Stigmella zangherii

Scientific classification
- Kingdom: Animalia
- Phylum: Arthropoda
- Clade: Pancrustacea
- Class: Insecta
- Order: Lepidoptera
- Family: Nepticulidae
- Genus: Stigmella
- Species: S. zangherii
- Binomial name: Stigmella zangherii (Klimesch, 1951)
- Synonyms: Nepticula zangherii Klimesch, 1951;

= Stigmella zangherii =

- Authority: (Klimesch, 1951)
- Synonyms: Nepticula zangherii Klimesch, 1951

Species of moth

Stigmella zangherii is a moth of the family Nepticulidae. It is widespread in south-eastern Europe and Turkey, in the north to the Czech Republic and Slovakia, in the west a single specimen was recorded from south-eastern France.
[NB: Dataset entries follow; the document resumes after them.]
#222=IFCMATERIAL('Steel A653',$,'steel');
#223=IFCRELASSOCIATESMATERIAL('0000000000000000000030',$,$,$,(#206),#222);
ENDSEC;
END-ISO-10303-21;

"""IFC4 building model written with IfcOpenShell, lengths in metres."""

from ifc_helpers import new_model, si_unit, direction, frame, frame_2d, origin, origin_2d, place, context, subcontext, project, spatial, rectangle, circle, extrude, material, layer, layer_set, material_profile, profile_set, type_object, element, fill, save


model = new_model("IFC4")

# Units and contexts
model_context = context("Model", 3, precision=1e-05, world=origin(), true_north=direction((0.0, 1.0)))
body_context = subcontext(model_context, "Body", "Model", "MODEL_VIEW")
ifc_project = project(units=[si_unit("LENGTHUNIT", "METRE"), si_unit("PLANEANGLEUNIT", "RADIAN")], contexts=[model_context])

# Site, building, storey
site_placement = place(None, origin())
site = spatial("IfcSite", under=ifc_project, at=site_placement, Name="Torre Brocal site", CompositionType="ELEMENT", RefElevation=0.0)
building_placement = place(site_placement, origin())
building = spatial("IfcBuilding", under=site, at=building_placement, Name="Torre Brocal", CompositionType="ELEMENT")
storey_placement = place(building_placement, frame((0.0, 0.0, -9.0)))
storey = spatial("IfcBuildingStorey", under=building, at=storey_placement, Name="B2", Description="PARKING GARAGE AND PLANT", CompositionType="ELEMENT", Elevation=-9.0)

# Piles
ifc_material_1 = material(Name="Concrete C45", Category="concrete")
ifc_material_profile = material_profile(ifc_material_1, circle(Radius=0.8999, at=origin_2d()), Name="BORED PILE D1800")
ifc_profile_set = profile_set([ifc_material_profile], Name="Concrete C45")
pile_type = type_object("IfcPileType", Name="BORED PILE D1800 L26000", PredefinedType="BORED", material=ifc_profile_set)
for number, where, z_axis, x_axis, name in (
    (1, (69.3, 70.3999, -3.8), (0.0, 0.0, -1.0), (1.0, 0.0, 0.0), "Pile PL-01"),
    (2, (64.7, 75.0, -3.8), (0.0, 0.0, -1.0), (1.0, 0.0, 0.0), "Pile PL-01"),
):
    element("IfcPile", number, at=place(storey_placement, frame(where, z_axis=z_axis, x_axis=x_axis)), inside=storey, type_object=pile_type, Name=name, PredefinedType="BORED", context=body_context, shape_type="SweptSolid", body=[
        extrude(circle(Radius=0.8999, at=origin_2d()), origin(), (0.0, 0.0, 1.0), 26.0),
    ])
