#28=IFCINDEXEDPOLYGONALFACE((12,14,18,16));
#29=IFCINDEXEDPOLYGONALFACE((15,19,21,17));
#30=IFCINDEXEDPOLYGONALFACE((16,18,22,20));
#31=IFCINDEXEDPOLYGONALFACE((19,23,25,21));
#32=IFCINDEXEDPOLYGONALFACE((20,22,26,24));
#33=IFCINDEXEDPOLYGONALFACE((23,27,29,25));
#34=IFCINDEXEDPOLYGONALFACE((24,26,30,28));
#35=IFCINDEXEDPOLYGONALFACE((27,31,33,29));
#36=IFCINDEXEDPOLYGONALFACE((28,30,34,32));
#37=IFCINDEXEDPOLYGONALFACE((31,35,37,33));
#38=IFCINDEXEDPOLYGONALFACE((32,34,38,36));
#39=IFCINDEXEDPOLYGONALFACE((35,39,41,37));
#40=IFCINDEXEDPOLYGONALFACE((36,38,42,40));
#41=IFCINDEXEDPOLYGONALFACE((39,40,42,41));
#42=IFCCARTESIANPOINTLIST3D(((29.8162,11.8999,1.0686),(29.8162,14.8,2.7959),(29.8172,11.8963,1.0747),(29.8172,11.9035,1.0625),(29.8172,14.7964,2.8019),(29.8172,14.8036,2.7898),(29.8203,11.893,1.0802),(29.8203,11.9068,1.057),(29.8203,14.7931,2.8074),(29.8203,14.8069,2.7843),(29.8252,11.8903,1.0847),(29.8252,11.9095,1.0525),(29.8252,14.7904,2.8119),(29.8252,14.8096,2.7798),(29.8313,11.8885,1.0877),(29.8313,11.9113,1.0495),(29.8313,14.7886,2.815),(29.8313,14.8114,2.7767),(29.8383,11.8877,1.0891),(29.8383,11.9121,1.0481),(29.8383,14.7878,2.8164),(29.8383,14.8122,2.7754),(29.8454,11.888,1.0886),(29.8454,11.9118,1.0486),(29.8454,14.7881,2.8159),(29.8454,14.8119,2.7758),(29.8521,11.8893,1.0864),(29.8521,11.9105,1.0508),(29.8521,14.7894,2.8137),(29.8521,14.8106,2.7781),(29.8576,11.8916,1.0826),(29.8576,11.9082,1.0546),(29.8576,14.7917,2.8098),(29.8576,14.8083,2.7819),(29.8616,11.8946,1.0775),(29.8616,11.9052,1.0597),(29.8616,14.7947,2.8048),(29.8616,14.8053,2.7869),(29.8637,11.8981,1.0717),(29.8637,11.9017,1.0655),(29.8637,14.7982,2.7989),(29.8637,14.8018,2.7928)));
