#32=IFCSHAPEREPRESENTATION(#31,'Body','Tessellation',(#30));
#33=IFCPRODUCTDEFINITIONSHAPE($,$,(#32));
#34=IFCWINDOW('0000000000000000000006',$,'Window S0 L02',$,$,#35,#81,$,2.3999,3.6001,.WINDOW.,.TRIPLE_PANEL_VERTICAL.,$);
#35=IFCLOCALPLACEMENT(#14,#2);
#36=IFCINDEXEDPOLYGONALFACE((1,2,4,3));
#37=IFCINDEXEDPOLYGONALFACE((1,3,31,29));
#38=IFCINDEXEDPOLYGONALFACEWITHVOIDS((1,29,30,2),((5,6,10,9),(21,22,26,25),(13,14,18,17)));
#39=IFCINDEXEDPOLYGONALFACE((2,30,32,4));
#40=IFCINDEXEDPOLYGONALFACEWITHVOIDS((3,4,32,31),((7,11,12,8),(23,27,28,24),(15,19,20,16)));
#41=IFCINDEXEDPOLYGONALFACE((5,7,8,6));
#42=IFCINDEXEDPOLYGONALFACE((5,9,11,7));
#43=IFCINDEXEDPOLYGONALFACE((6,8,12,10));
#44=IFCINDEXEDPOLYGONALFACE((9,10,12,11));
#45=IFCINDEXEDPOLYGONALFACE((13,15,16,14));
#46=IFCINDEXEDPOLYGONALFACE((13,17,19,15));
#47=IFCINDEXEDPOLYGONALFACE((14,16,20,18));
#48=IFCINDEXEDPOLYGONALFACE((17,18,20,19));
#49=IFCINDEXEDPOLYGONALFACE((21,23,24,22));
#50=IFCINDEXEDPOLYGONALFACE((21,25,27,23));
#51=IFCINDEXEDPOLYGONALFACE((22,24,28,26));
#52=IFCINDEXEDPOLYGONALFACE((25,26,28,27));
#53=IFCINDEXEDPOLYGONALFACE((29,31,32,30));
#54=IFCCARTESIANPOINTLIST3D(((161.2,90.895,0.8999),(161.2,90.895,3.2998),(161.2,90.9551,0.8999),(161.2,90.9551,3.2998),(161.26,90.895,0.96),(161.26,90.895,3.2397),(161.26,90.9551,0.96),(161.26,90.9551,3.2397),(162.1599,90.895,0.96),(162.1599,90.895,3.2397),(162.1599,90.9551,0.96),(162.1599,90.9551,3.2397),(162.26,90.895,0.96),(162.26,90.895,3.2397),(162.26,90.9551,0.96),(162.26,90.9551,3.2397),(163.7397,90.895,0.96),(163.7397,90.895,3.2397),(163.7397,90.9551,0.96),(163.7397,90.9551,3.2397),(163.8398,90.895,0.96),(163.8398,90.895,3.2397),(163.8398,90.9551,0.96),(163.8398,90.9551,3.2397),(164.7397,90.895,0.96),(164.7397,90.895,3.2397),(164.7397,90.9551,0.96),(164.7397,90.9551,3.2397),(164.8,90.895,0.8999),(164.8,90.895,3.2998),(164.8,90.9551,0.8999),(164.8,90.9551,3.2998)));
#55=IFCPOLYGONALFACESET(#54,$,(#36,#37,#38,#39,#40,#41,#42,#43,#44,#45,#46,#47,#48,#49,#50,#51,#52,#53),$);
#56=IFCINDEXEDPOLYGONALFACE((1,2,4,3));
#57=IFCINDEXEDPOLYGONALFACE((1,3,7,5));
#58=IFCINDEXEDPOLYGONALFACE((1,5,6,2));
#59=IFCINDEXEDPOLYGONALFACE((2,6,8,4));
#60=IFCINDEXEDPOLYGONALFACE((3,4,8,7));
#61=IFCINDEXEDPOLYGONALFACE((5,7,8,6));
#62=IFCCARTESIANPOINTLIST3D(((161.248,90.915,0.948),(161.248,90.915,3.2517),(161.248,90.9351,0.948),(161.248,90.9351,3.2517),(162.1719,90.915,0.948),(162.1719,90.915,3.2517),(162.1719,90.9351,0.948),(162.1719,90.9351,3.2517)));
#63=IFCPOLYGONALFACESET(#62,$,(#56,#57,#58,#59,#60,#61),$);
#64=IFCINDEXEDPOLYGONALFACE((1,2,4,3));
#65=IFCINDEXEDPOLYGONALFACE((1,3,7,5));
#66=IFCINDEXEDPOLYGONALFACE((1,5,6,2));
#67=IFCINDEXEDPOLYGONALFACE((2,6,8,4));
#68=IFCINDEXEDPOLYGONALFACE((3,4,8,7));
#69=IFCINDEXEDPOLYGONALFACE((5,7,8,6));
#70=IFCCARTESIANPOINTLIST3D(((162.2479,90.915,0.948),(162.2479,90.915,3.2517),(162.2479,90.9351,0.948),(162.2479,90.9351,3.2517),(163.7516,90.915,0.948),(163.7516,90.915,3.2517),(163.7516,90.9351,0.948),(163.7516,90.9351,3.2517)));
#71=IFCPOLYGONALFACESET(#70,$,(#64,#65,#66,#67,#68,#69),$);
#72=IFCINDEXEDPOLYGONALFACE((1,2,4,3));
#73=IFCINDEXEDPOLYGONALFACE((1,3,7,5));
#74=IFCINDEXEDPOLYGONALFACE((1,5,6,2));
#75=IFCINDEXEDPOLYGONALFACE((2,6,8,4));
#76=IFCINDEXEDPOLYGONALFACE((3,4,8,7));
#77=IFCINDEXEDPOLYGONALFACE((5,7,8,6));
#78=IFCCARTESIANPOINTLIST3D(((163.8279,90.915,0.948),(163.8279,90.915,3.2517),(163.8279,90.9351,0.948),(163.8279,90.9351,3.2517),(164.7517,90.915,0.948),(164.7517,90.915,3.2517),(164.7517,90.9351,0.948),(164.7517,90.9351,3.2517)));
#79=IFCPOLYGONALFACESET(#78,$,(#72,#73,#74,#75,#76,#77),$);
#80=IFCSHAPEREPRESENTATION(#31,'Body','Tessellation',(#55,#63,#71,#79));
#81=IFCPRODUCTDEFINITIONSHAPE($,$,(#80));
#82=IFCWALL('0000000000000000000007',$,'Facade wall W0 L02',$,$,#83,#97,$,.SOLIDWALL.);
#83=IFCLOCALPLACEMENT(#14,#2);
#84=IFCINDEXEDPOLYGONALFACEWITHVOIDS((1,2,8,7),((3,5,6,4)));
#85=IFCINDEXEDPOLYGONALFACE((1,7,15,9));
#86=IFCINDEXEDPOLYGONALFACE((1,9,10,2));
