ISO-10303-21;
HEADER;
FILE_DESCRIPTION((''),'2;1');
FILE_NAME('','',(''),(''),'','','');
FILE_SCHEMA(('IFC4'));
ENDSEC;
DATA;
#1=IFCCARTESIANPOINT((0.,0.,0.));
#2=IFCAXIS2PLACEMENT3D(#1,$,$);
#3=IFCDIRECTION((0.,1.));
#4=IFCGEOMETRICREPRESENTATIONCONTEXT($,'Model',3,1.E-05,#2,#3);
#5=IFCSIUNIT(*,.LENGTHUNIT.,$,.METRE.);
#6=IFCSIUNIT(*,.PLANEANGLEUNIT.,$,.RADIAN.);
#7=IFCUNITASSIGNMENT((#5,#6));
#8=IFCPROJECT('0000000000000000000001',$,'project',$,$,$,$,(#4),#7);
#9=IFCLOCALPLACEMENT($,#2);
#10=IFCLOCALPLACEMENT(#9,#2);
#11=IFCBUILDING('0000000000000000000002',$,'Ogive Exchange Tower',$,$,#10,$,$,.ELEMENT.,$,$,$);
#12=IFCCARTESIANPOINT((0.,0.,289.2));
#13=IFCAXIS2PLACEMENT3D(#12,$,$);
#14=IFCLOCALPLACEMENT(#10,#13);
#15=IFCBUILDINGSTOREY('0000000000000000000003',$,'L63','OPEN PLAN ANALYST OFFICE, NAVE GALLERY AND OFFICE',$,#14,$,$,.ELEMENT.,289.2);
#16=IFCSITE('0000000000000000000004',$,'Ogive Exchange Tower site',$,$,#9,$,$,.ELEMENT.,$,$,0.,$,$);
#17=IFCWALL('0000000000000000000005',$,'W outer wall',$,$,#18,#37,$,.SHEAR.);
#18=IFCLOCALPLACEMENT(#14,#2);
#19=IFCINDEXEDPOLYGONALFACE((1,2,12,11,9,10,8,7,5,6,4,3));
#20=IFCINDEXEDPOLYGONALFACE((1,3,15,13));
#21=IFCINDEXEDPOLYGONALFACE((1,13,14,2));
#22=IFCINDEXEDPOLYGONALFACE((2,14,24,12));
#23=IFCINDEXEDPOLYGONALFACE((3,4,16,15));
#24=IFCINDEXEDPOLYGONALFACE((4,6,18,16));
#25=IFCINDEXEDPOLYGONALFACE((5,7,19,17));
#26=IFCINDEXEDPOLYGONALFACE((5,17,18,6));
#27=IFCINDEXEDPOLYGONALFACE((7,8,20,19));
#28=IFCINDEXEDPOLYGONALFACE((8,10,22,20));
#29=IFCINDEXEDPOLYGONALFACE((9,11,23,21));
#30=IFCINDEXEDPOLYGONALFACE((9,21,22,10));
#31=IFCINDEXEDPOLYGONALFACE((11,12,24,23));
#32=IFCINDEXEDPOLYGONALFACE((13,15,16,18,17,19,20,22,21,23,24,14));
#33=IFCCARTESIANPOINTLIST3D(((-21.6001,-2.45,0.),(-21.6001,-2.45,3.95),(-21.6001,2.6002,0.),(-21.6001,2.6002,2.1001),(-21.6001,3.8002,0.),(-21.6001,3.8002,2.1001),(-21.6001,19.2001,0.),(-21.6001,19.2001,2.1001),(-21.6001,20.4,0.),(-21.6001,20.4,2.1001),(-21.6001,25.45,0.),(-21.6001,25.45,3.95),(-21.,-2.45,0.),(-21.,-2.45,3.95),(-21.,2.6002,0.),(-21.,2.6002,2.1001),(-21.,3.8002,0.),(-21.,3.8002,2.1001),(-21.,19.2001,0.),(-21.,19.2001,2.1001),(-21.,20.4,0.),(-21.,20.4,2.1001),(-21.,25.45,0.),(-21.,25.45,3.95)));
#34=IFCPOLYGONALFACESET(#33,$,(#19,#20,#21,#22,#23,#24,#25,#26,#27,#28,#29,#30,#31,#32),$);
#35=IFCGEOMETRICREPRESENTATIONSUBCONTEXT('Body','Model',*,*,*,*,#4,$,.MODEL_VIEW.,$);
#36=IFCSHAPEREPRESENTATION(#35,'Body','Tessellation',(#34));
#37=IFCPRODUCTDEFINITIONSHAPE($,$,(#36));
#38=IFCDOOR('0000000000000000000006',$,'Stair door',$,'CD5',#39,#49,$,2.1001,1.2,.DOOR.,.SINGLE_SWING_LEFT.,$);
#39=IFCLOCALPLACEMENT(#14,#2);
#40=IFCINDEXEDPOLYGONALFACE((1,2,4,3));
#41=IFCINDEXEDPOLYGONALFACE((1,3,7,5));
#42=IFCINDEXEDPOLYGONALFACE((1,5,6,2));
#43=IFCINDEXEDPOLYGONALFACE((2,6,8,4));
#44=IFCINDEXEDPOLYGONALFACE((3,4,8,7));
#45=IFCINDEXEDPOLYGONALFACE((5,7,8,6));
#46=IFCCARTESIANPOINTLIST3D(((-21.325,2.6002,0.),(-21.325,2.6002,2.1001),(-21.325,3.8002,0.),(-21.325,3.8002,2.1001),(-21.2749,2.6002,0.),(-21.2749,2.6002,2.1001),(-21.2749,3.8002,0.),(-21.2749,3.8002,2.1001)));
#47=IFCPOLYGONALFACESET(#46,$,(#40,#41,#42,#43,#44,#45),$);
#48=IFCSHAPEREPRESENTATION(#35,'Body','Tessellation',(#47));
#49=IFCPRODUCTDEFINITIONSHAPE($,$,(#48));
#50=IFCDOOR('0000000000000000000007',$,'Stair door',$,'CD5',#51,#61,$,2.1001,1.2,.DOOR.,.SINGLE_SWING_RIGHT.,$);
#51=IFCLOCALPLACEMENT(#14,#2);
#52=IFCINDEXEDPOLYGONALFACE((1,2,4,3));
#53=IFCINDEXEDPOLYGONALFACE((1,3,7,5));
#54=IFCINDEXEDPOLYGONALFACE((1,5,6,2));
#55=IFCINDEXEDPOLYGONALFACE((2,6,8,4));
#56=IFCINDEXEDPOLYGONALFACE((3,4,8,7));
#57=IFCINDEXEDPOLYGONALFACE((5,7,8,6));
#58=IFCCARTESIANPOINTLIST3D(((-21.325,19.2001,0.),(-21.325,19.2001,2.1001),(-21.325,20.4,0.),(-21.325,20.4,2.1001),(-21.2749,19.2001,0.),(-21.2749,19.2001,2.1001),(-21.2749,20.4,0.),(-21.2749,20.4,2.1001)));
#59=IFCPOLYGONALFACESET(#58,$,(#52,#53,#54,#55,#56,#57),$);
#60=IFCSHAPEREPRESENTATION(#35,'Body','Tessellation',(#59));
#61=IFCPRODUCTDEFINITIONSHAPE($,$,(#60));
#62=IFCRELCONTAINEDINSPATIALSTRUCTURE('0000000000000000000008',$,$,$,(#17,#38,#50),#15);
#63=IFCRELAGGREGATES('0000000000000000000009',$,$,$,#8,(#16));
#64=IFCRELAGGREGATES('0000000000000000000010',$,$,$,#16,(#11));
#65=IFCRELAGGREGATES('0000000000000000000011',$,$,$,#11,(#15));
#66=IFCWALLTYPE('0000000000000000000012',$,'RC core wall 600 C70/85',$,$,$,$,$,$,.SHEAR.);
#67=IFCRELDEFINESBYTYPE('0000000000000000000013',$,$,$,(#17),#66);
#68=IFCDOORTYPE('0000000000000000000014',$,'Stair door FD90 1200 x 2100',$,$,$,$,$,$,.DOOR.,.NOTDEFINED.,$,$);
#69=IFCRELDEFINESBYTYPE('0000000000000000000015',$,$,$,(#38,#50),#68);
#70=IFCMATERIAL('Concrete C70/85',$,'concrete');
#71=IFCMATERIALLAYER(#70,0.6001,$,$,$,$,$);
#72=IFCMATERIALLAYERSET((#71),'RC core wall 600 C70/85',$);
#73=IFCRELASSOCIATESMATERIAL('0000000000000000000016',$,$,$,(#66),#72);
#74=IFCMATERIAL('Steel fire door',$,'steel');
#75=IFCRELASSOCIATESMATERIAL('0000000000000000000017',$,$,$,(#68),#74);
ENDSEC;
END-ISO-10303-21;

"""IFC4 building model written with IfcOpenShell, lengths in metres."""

from ifc_helpers import new_model, si_unit, direction, frame, frame_2d, origin, place, context, subcontext, project, spatial, rectangle, extrude, material, layer, layer_set, type_object, element, fill, save


model = new_model("IFC4")

# Units and contexts
model_context = context("Model", 3, precision=1e-05, world=origin(), true_north=direction((0.0, 1.0)))
body_context = subcontext(model_context, "Body", "Model", "MODEL_VIEW")
ifc_project = project(units=[si_unit("LENGTHUNIT", "METRE"), si_unit("PLANEANGLEUNIT", "RADIAN")], contexts=[model_context])

# Site, building, storey
site_placement = place(None, origin())
site = spatial("IfcSite", under=ifc_project, at=site_placement, Name="Ogive Exchange Tower site", CompositionType="ELEMENT", RefElevation=0.0)
building_placement = place(site_placement, origin())
building = spatial("IfcBuilding", under=site, at=building_placement, Name="Ogive Exchange Tower", CompositionType="ELEMENT")
storey_placement = place(building_placement, frame((0.0, 0.0, 289.2)))
storey = spatial("IfcBuildingStorey", under=building, at=storey_placement, Name="L63", Description="OPEN PLAN ANALYST OFFICE, NAVE GALLERY AND OFFICE", CompositionType="ELEMENT", Elevation=289.2)

# Shared definitions
ifc_material_1 = material(Name="Concrete C70/85", Category="concrete")

# Wall, openings, doors
ifc_layer_1 = layer(ifc_material_1, 0.6001)
ifc_layer_set_1 = layer_set([ifc_layer_1], Name="RC core wall 600 C70/85")
wall_type_1 = type_object("IfcWallType", Name="RC core wall 600 C70/85", PredefinedType="SHEAR", material=ifc_layer_set_1)
wall_1_placement = place(storey_placement, frame((-21.3, -2.45, 0.0), z_axis=(0.0, 0.0, 1.0), x_axis=(0.0, 1.0, 0.0)))
wall_1 = element("IfcWall", 1, at=wall_1_placement, inside=storey, type_object=wall_type_1, Name="W outer wall", PredefinedType="SHEAR", context=body_context, shape_type="SweptSolid", body=[
    extrude(rectangle(XDim=27.8999, YDim=0.6001, at=frame_2d((13.95, 0.0))), origin(), (0.0, 0.0, 1.0), 3.95),
])
opening_1_placement = place(wall_1_placement, frame((5.05, 0.0, 0.0)))
opening_1 = element("IfcOpeningElement", 2, at=opening_1_placement, cuts=wall_1, PredefinedType="OPENING", context=body_context, shape_type="SweptSolid", body=[
    extrude(rectangle(XDim=1.2, YDim=2.1001, at=frame_2d((0.6001, 1.05))), frame((0.0, 0.3101, 0.0), z_axis=(0.0, -1.0, 0.0), x_axis=(1.0, 0.0, 0.0)), (0.0, 0.0, 1.0), 0.6201),
])
opening_2_placement = place(wall_1_placement, frame((21.6499, 0.0, 0.0)))
opening_2 = element("IfcOpeningElement", 3, at=opening_2_placement, cuts=wall_1, PredefinedType="OPENING", context=body_context, shape_type="SweptSolid", body=[
    extrude(rectangle(XDim=1.2, YDim=2.1001, at=frame_2d((0.6001, 1.05))), frame((0.0, 0.3101, 0.0), z_axis=(0.0, -1.0, 0.0), x_axis=(1.0, 0.0, 0.0)), (0.0, 0.0, 1.0), 0.6201),
])
ifc_material_2 = material(Name="Steel fire door", Category="steel")
door_type_1 = type_object("IfcDoorType", Name="Stair door FD90 1200 x 2100", OperationType="NOTDEFINED", PredefinedType="DOOR", material=ifc_material_2)
door_1_placement = place(opening_1_placement, origin())
door_1 = element("IfcDoor", 4, at=door_1_placement, inside=storey, type_object=door_type_1, Name="Stair door", ObjectType="CD5", OperationType="SINGLE_SWING_LEFT", OverallHeight=2.1001, OverallWidth=1.2, PredefinedType="DOOR", context=body_context, shape_type="SweptSolid", body=[
    extrude(rectangle(XDim=1.2, YDim=2.1001, at=frame_2d((0.6001, 1.05))), frame((0.0, 0.0249, 0.0), z_axis=(0.0, -1.0, 0.0), x_axis=(1.0, 0.0, 0.0)), (0.0, 0.0, 1.0), 0.05),
])
fill(opening_1, door_1)
door_2_placement = place(opening_2_placement, origin())
door_2 = element("IfcDoor", 5, at=door_2_placement, inside=storey, type_object=door_type_1, Name="Stair door", ObjectType="CD5", OperationType="SINGLE_SWING_RIGHT", OverallHeight=2.1001, OverallWidth=1.2, PredefinedType="DOOR", context=body_context, shape_type="SweptSolid", body=[
    extrude(rectangle(XDim=1.2, YDim=2.1001, at=frame_2d((0.6001, 1.05))), frame((0.0, 0.0249, 0.0), z_axis=(0.0, -1.0, 0.0), x_axis=(1.0, 0.0, 0.0)), (0.0, 0.0, 1.0), 0.05),
])
fill(opening_2, door_2)

save(model, "model.ifc")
There are further records from eastern Austria, Hungary, mainland Italy, Sicily, Slovenia, Croatia, Yugoslavia, Greece and Turkey.

The wingspan is 3.9–5.5 mm. Adults are on wing from May to September.

The larvae feed on Quercus cerris, Quercus macrolepis, Quercus pubescens, Quercus suber and Quercus trojana. They mine the leaves of their host plant.